Steady state simulations with mixing planes at the blade-row interface are used to map the fan performance and to validate this against experimental measurements. For unsteady simulations the domain (intake, fan, OGV, and nozzle) is expanded to a 360 deg full annulus domain with sliding planes at the interfaces. All unsteady (URANS) simulations are performed at a selected near-stall operating point, which will be shown later, and started from the converged steady-state solutions. Three sets of unsteady simulations are shown in this paper: Aeroelastic simulations with blade vibration and nonuniform tip clearance, and aerodynamic simulations with uniform and nonuniform tip clearance but no blade vibration. The nonuniformity follows the same patterns as the experiment (Fig. 4).

The URANS simulations are used to investigate unsteady features which occur close to the stall boundary. These features are nondeterministic, i.e., they are not related to blade passings or vibration frequencies. Following best practice, the time-step is set to give 200 time steps per rotor blade passing period.

A modal approach is used for the coupled simulations. The mode shapes are obtained from a finite element solver and interpolated onto the CFD mesh. The predicted modal frequencies were found to differ slightly from the experimental ones [14], and the mean of the experimentally measured frequencies was used for all simulations. Frequency mistuning was therefore not considered.

The aeroelastic simulations are bi-directionally coupled and include relevant vibration modes (Modes 1–3). The blades are given an initial displacement and the displacement histories are tracked to identify unstable modes. This is often also referred to as “free vibration” modeling, and it is the approach which most closely resembles the experiment.

Before the unsteady analysis, the steady-state computational model is validated against performance measurements. Figure 6 shows the fan 80% speed characteristic, on which NSV was detected, comparing the experimentally measured characteristic against those predicted by RANS with uniform tip clearance. A good match is seen across the range. The stall mass flow is predicted within 3% and the total pressure ratio within 0.8%. For the unsteady analysis, the last operating point for which a converged steady-state solution could be obtained is selected. This point is labeled NS (near stall) on Fig. 6, the design point DP is also indicated. The pressure ratio prediction improves in the unsteady simulations.
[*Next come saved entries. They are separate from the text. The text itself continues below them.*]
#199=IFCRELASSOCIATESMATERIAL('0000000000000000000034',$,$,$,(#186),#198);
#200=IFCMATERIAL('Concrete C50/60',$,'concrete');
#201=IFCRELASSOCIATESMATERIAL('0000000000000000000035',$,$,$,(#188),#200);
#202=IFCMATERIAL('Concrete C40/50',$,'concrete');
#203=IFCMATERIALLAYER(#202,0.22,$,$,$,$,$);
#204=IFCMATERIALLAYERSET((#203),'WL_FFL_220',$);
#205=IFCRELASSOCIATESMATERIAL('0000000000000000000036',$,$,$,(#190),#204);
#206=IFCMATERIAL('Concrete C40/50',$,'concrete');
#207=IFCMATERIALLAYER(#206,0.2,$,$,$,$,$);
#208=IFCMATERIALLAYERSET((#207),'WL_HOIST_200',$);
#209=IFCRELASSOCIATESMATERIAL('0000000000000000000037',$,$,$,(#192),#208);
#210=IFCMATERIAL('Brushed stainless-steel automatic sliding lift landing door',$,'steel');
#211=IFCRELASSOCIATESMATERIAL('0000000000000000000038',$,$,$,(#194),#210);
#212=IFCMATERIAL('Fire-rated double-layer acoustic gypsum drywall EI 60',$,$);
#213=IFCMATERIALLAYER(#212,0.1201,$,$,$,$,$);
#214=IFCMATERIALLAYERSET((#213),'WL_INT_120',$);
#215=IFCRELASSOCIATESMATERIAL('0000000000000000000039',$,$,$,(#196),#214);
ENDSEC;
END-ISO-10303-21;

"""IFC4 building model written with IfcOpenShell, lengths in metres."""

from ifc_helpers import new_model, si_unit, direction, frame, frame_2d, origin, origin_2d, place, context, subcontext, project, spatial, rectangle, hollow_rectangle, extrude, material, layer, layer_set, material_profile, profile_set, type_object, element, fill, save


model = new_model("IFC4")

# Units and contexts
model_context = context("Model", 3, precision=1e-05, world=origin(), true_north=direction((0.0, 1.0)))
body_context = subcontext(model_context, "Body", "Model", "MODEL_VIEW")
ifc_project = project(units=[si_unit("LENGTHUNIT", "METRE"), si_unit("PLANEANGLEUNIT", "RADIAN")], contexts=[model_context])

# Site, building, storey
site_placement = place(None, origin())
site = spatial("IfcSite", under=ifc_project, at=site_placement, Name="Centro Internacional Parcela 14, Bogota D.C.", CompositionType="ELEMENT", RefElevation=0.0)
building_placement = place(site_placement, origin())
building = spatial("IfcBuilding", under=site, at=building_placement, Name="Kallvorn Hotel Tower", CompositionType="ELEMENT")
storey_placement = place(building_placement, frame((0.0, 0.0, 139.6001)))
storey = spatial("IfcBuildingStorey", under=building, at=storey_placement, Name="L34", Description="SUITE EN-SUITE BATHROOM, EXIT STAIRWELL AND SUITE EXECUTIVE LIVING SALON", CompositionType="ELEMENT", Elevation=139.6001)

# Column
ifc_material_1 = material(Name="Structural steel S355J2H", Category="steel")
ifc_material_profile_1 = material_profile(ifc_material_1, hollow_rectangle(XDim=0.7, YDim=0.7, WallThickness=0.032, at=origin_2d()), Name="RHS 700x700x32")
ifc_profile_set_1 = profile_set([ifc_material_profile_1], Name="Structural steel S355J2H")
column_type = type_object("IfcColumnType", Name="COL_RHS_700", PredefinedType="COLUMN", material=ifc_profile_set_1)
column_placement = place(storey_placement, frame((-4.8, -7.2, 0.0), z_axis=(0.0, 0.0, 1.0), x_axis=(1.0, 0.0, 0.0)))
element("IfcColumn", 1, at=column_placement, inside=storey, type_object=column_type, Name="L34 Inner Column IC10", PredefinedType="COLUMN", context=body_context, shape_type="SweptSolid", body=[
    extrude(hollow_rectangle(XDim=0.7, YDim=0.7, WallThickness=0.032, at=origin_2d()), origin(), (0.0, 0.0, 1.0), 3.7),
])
For a more detailed validation of the flow field inside the passage, Fig. 7 shows the static pressure contours at the casing. Particular features of interest are the strength and trajectory of the static pressure drop created by the tip clearance flow, which are captured in the RANS simulations.

All unsteady analysis in the following sections is performed at the 80% Near Stall (NS) operating point shown in Fig. 6.

Following the successful steady-state validation, an unsteady aeroelastic analysis is now performed for the case with nonuniform tip clearance at the selected near stall (NS) operating point. The aeroelastic simulation is started from the converged steady-state solution.

For the aeroelastic simulation all nodal diameters (in Modes 1–3) are excited with a fixed modal displacement amplitude, corresponding to a tip leading edge displacement of 0.8% chord, and random phase, and the displacement histories are tracked to identify unstable modes. Figure 8 shows time histories of the modal displacement amplitudes in all forward traveling assembly modes. The amplitudes of all modes initially decrease but from 10 revolutions, the amplitude in Mode 3 nodal diameter 2 (⁠$Nv=2$⁠, here referred to as M3 ND2), begins to rise. This is later followed by an increase in M3 ND3. The maximum displacement in ND3 remains lower than that in ND2, which reaches an equivalent physical displacement of 1.2% chord at the LE. All backward traveling modes decay and are not shown. A high amplitude in M3 ND2 was also measured in the experiment (see Table 2). Hence, the aeroelastic simulation predicts NSV in the correct mode.

The fluctuating amplitudes of several modes in Fig. 8 indicate that multiple frequencies and wave numbers exist and change over time. This is typical for NSV, where irregular unsteady aerodynamic flow structures (disturbances) couple with blade vibrations. This is further investigated by determining the aerodynamic wave numbers $Na$ present in the simulation. These are determined by performing circumferential Fourier transforms on the unsteady pressure field 5% upstream of the leading edge in the rotating frame of reference. The resulting wave numbers are always positive and give no information about the direction of the aerodynamic disturbance. Figure 9 shows the transient evolution of the aerodynamic wave numbers measured at the casing, 5% chord upstream of the LE. Frequency components associated with the outlet guide vane (EO31) are too weak to be detected at that location, and since this is based on the pressure fluctuations in the rotor frame of reference all wave numbers visible in Fig. 9 are associated with nonsynchronous features.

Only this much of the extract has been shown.